2. Use standalone functions instead of class methods with spaces.GPU:

   **Problematic:**
   ```python
   class ModelManager:
       @spaces.GPU
       def generate_text(self, model_path, text):  # Class method doesn't work well
           # ...
   ```

   **Recommended:**
   ```python
   @spaces.GPU
   def generate_text_local(model_path, text):  # Standalone function
       # ...
   ```

3. Use direct pipeline creation instead of loading model and tokenizer separately:

   **Recommended:**
   ```python
   tokenizer = AutoTokenizer.from_pretrained(model_path)
   pipe = pipeline(
       "text-generation",
       model=model_path,  # Pass the model ID/path directly
       tokenizer=tokenizer,
       torch_dtype=torch.bfloat16,
       device_map="auto"
   )
   ```

4. Use synchronous `InferenceClient` instead of `AsyncInferenceClient` for API calls:

   **Recommended:**
   ```python
   from huggingface_hub import InferenceClient
   client = InferenceClient(model_id)
   response = client.text_generation(text)  # Synchronous call
   ```

5. Implement appropriate error handling to gracefully recover from GPU task aborts:

   ```python
   try:
       result = pipeline(text)
       return result
   except Exception as e:
       logger.error(f"Error: {str(e)}")
       return f"Error: {str(e)}"  # Return error message instead of raising
   ```

## Other Common Issues

### Multiple Models Loading Timeout

When preloading multiple large models, the application might timeout or crash due to memory constraints.

**Solution:**
- Use `torch.bfloat16` or `torch.float16` precision to reduce memory usage
- Add `trust_remote_code=True` parameter when loading models
- Use `do_sample=False` to make text generation more deterministic
- Keep token generation limits reasonable (max_new_tokens=40 or less)
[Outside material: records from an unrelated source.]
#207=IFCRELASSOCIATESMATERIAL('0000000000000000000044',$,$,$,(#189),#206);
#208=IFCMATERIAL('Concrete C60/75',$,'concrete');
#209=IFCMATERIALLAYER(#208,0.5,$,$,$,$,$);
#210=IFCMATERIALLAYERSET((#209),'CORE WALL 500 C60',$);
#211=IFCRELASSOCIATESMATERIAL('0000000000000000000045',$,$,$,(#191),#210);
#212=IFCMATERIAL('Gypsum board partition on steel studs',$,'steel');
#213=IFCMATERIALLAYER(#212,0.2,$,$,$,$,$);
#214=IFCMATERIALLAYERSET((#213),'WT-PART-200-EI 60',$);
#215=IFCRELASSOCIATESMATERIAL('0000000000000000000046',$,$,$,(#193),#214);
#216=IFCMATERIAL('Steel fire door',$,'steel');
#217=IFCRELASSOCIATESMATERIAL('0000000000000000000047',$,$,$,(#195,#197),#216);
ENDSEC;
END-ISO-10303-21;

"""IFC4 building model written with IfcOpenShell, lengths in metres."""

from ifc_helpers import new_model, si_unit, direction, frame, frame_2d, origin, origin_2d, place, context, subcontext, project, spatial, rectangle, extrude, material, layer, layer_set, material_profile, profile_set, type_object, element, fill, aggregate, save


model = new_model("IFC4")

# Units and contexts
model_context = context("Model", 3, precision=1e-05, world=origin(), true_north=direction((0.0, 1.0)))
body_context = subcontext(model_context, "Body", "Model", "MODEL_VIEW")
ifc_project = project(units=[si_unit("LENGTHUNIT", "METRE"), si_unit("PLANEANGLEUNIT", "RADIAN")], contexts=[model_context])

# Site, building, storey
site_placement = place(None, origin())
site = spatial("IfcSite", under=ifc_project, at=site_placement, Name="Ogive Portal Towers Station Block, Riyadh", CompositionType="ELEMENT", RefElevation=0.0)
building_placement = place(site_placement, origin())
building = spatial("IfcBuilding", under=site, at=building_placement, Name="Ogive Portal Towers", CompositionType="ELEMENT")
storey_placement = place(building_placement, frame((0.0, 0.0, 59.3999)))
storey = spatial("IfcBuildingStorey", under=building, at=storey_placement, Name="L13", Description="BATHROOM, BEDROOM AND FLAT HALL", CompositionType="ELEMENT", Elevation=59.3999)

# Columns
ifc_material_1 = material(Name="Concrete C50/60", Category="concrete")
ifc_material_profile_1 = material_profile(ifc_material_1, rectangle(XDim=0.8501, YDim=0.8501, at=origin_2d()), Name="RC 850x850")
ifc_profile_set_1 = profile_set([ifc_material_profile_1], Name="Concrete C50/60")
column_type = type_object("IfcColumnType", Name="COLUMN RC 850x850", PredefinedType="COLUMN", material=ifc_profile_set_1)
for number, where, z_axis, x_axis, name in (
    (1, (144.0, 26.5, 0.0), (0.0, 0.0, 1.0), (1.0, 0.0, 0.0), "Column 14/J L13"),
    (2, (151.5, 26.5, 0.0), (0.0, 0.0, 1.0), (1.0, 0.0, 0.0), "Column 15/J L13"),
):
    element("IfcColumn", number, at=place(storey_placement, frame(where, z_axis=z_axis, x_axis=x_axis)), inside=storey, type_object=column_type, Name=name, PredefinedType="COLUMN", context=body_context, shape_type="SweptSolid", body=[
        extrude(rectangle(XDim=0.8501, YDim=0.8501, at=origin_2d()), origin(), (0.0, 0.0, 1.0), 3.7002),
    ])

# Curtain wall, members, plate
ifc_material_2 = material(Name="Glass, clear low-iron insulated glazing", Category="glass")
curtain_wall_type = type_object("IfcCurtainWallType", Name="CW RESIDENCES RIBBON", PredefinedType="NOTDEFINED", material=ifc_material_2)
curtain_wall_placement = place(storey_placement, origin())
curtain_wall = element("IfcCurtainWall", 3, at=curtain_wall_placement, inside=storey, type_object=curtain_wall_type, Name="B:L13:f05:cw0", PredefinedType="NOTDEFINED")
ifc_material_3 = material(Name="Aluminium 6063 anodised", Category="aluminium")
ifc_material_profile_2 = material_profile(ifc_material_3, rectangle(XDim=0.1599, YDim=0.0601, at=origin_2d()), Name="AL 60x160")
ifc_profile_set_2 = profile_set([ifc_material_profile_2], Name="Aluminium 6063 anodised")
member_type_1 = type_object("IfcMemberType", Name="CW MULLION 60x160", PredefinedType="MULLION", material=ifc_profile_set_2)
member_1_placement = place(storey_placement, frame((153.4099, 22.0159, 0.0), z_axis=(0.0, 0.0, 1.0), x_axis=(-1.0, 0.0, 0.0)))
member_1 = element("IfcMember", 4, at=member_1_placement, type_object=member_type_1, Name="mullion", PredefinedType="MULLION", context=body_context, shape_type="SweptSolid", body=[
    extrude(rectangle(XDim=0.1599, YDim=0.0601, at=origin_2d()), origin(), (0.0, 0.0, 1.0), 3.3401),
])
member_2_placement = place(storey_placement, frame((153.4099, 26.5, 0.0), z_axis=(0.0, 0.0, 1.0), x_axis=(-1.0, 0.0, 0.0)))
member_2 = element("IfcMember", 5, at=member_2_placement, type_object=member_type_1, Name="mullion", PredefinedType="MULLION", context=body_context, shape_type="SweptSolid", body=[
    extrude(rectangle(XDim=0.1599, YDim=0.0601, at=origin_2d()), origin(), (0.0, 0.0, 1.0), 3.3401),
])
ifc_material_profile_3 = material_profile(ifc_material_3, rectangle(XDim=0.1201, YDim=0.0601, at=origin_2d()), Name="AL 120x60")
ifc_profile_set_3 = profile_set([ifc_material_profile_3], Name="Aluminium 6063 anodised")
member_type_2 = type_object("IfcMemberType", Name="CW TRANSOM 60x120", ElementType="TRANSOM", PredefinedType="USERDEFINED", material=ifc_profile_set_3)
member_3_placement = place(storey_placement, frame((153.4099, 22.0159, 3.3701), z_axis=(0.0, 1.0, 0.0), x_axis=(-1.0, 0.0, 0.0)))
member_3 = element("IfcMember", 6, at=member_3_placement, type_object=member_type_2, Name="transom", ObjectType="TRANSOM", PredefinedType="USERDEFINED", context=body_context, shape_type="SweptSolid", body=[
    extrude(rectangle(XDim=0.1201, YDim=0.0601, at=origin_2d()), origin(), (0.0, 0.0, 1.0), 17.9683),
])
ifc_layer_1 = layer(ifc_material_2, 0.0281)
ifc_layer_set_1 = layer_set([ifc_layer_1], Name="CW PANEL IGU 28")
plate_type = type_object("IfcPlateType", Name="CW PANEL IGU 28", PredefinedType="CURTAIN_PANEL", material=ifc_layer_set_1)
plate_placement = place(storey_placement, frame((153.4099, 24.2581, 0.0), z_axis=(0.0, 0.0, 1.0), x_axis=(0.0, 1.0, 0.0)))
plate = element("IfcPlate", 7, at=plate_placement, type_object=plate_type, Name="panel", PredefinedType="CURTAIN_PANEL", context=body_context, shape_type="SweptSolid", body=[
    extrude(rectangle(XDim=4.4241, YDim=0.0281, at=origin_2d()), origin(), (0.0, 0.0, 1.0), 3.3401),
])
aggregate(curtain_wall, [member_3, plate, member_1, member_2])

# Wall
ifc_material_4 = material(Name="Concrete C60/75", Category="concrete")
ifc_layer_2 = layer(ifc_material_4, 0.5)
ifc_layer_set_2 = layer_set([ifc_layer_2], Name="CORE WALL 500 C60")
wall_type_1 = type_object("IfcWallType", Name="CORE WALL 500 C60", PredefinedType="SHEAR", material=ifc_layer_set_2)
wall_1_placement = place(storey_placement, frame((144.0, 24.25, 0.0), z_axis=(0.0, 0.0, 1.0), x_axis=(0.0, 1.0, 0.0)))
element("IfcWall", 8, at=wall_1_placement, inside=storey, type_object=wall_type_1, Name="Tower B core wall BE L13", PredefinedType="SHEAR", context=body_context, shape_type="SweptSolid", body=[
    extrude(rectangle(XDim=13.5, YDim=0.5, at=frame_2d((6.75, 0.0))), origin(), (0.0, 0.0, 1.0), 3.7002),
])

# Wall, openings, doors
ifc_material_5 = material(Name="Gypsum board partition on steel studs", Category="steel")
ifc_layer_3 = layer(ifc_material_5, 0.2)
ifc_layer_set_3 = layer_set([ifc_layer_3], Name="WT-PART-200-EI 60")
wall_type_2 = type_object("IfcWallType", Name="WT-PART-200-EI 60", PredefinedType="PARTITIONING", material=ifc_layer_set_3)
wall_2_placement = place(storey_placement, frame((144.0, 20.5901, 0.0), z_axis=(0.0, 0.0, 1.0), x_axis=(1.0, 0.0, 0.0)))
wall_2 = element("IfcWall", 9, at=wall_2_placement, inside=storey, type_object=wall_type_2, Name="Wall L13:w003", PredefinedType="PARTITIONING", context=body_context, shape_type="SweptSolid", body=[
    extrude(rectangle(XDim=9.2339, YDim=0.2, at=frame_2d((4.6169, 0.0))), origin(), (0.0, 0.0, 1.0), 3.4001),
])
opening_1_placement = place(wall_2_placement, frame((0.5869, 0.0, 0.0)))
### API vs Local Model Performance

When mixing API and local models, you might encounter inconsistent behavior.

**Solution:**
- Keep separate functions for API and local model execution
- Handle errors distinctly for each type
- Use non-async code for simpler execution flow

## Reporting Issues

If you encounter issues not covered in this guide, please report them by creating an issue in the repository with:
- A detailed description of the problem
- Relevant error messages
- Steps to reproduce the issue
- Your environment information (OS, Python version, GPU, etc.)